Posted Sep 4, 2014 23:15 UTC (Thu) by Cyberax (✭ supporter ✭, #52523) [Link] (5 responses)

Yeah, sure. So then you practice everything (and we did test it), and it works fine in testing. You schedule a time when nobody is around to upgrade the system without interruptions.

And then it breaks because of a race condition that happens in only about 10% of cases.

That sysadmin in this dramatization was me, and the offending script was: http://anonscm.debian.org/cgit/users/lamont/bind9.git/tre... near the line 92.

Of course, REAL Unix sysadmins must live in the server room, spending 100% of their time tweaking init scripts and auditing all the system code to make sure it can NEVER hang. NEVER. Also, they disable memory protection because their software doesn't need it.

Poettering: Revisiting how we put together Linux systems

Posted Sep 4, 2014 23:20 UTC (Thu) by NightMonkey (subscriber, #23051) [Link] (4 responses)

No need to take it personally. But, sad to say, you learned a good lesson the hard way in sysadmining - never rely on one system for anything vital. :)

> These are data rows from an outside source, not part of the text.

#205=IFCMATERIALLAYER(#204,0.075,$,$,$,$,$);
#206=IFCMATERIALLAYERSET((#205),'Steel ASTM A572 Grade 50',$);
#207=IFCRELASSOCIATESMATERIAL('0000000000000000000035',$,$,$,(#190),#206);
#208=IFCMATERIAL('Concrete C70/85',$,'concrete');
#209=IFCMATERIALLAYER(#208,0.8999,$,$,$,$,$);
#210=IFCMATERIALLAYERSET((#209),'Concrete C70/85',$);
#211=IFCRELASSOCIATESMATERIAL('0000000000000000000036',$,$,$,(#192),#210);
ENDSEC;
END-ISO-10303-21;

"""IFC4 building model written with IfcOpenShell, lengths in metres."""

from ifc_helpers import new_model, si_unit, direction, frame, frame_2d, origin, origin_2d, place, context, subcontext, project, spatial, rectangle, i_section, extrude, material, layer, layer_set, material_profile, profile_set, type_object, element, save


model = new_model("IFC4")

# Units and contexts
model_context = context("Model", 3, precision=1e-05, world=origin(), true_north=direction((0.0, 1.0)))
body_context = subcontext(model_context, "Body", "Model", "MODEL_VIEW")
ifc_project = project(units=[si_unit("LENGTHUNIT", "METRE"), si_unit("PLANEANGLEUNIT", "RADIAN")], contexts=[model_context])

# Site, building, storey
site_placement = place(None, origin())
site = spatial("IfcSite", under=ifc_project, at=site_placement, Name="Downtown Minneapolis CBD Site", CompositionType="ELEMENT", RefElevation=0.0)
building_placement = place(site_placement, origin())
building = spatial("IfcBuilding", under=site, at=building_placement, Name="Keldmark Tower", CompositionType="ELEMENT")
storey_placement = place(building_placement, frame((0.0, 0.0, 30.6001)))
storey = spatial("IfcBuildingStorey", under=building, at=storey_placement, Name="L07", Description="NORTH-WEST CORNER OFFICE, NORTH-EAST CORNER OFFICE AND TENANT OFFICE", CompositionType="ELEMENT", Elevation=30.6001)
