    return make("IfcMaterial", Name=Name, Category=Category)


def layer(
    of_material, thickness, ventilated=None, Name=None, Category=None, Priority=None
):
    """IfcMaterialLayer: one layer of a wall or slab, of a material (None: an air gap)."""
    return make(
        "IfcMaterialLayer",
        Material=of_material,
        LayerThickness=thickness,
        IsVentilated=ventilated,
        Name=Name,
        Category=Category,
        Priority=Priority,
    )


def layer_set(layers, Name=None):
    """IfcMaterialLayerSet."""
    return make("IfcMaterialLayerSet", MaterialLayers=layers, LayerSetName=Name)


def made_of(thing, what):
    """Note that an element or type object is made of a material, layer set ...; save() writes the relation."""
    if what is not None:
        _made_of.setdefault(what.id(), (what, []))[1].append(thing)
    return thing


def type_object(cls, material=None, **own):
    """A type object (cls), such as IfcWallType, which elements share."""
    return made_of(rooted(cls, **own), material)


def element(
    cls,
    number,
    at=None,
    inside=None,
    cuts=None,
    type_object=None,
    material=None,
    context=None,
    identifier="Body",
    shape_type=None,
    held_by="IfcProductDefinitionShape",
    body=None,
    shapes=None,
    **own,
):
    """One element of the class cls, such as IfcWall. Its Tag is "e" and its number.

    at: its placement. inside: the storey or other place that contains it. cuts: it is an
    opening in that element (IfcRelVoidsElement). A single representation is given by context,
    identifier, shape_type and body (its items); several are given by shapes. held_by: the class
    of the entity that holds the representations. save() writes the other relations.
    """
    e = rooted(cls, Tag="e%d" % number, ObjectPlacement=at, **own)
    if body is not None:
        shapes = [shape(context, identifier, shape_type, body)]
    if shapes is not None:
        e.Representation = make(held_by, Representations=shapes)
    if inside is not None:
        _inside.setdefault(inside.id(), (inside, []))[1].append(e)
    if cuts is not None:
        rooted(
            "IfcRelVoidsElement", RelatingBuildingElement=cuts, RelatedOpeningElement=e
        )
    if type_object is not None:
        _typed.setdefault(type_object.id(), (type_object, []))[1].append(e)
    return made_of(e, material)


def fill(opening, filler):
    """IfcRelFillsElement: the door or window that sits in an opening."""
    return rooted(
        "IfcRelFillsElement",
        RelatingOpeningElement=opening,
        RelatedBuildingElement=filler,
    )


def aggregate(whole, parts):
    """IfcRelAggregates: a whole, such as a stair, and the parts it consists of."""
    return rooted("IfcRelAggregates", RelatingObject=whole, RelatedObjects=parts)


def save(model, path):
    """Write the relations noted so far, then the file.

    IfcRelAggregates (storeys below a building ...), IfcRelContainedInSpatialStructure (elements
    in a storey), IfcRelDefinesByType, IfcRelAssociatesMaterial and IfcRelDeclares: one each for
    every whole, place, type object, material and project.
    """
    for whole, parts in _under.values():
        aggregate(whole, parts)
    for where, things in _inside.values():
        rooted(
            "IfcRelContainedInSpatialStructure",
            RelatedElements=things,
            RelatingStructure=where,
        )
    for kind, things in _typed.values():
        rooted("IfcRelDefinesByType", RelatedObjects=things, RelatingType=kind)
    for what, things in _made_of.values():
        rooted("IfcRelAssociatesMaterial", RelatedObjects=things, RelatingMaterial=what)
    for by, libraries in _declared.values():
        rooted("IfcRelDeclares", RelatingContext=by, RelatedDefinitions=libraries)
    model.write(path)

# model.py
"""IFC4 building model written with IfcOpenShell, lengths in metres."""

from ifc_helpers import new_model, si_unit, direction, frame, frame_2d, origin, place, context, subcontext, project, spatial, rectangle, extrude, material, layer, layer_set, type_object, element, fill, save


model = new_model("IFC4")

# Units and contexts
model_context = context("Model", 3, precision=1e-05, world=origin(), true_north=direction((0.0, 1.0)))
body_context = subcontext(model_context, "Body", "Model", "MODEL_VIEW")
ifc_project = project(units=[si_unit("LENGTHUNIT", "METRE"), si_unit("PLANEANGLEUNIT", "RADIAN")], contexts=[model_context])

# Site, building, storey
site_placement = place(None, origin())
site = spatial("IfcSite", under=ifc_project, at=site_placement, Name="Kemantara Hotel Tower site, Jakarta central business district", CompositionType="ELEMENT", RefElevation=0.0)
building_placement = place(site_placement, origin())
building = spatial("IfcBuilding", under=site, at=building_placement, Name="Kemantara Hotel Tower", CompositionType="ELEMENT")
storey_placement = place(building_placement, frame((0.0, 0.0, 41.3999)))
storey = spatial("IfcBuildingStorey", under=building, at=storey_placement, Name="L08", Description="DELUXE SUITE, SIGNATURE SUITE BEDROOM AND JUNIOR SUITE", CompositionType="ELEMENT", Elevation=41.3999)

Again, the answer to system hangs (which are *inevitable* - this is *commodity hardware* we're talking about most of the time, not mainframes) is remote power booters. I don't like living in the DC, myself.

Poettering: Revisiting how we put together Linux systems

Posted Sep 4, 2014 23:33 UTC (Thu) by Cyberax (✭ supporter ✭, #52523) [Link]

Lots of companies can't afford to make a completely redundant infrastructure. Especially if you have a fairly powerful server (that one was handling storage for CCTV streams and lots of other tasks). And anyway, it's non-trivial in any case.

> Again, the answer to system hangs (which are *inevitable* - this is *commodity hardware* we're talking about most of the time, not mainframes) is remote power booters.
Oh, I've witnessed mainframe hangups. Remote reboot is nice, but that server was from around 2006 so it didn't have IPMI and the datacenter where it was hosted offered only manual reboots.

Poettering: Revisiting how we put together Linux systems

Posted Sep 5, 2014 4:09 UTC (Fri) by raven667 (subscriber, #5198) [Link] (2 responses)

> - never rely on one system for anything vital. :)

That sounds dangerously close to internalizing and making excuses for unreliable software rather than engineering better systems that work even in the crazy imperfect world, duct taping and RPS to the side of a machine is in addition to not a replacement for making it work right in the first place.

Poettering: Revisiting how we put together Linux systems

Posted Sep 5, 2014 4:43 UTC (Fri) by NightMonkey (subscriber, #23051) [Link] (1 responses)

It might sound close, but it isn't. :)

I don't think what you are saying are actually separate tasks. All software has bugs.

Poettering: Revisiting how we put together Linux systems

Posted Sep 5, 2014 14:45 UTC (Fri) by raven667 (subscriber, #5198) [Link]

Sure all software has bugs but the risk and impact are not equally distributed.